# General > The Literature Network >  Problems posting a short story

## Victors Mate

I tried to send a PM to Admin, then the administrator ans finally Admin007. as follows " Twice I have submitted an offering to this forum; twice it has gone to the mods; twice it has disappeared without trace.

If I am not welcome please say so and I will never darken your illustrious doors again" and guess what I hit the submit button and - - - - nothing it just disappears. So I guess I am not welcome here; shame that..

Some sites I visit and frequent are user friendly some are user hostile but for sheer convolutedness this forum is in a class of its own.

----------


## Calidore

Ironic that all your posts about not being able to post seem to be coming through fine.

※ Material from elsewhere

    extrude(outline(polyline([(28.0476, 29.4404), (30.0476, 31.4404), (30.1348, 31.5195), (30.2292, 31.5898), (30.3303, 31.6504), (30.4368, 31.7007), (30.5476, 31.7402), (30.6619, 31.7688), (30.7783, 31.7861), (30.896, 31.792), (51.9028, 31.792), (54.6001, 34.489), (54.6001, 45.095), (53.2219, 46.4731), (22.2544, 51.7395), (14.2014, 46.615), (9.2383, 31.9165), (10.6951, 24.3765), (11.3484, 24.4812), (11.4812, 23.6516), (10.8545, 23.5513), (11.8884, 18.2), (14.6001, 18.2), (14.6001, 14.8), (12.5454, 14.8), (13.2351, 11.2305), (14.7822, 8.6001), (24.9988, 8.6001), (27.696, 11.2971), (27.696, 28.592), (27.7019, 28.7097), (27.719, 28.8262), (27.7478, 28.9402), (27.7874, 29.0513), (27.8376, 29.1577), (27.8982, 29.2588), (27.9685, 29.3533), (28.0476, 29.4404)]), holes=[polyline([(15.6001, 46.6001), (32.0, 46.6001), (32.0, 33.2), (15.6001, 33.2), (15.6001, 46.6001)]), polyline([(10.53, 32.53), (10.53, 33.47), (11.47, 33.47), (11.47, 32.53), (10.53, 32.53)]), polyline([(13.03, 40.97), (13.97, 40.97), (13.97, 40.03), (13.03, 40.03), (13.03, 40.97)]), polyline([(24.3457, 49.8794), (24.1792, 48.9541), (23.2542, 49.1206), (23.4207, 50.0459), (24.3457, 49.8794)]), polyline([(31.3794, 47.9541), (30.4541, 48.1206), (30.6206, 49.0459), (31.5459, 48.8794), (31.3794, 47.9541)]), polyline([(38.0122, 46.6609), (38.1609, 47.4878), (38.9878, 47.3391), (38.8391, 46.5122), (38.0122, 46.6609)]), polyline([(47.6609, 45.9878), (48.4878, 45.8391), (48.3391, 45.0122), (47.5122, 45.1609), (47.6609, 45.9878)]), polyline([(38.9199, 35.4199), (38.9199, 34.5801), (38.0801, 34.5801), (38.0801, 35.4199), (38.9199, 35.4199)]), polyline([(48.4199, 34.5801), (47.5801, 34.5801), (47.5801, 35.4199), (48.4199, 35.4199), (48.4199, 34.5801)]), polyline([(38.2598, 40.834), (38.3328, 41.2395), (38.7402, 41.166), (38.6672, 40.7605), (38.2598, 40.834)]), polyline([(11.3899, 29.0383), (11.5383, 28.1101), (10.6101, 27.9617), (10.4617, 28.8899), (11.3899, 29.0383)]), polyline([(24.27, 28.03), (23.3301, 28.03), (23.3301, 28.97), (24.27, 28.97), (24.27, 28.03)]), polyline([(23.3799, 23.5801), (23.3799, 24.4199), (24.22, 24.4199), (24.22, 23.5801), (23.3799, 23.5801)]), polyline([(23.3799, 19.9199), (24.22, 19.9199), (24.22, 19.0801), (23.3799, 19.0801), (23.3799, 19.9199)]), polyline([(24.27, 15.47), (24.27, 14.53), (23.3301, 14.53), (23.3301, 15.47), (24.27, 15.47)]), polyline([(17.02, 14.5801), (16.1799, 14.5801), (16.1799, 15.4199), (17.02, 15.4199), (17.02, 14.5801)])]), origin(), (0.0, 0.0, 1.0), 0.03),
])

I don't know why a story post would be different, unless the forum software has some reason to flag it. Does the story post contain links to outside sites, or excessive cursing, or some such?

----------


## Calidore

Off the top of my head, could length be an issue? If it's a large post, you could try splitting it up.

----------


## Logos

I'm very sorry you had to post 2 threads complaining about the machinations behind this website instead of trying to contact the ever-friendly and oh-so-helpful moderator humans  :Smile:  There are many reasons why your story thread may not have appeared immediately but basically the forum software does this automatically through filters etc. This is to deal with spammers and people who post multiple stories on the same day. I'm sure you understand now and I hope you can now enjoy the site. Cheers!

http://www.online-literature.com/for...87783-The-Coma

And, of course, your short story thread The Coma is now open for public consumption.






> I tried to send a PM to Admin, then the administrator ans finally Admin007. as follows " Twice I have submitted an offering to this forum; twice it has gone to the mods; twice it has disappeared without trace.
> 
> If I am not welcome please say so and I will never darken your illustrious doors again" and guess what I hit the submit button and - - - - nothing it just disappears. So I guess I am not welcome here; shame that..
> 
> Some sites I visit and frequent are user friendly some are user hostile but for sheer convolutedness this forum is in a class of its own.

----------


## vortograph

i cannot post my erotica because it says i use rude words

obviously erotica is going to contain rude words

----------


## ennison

Reckon your post is tongue in cheek Vortograph

----------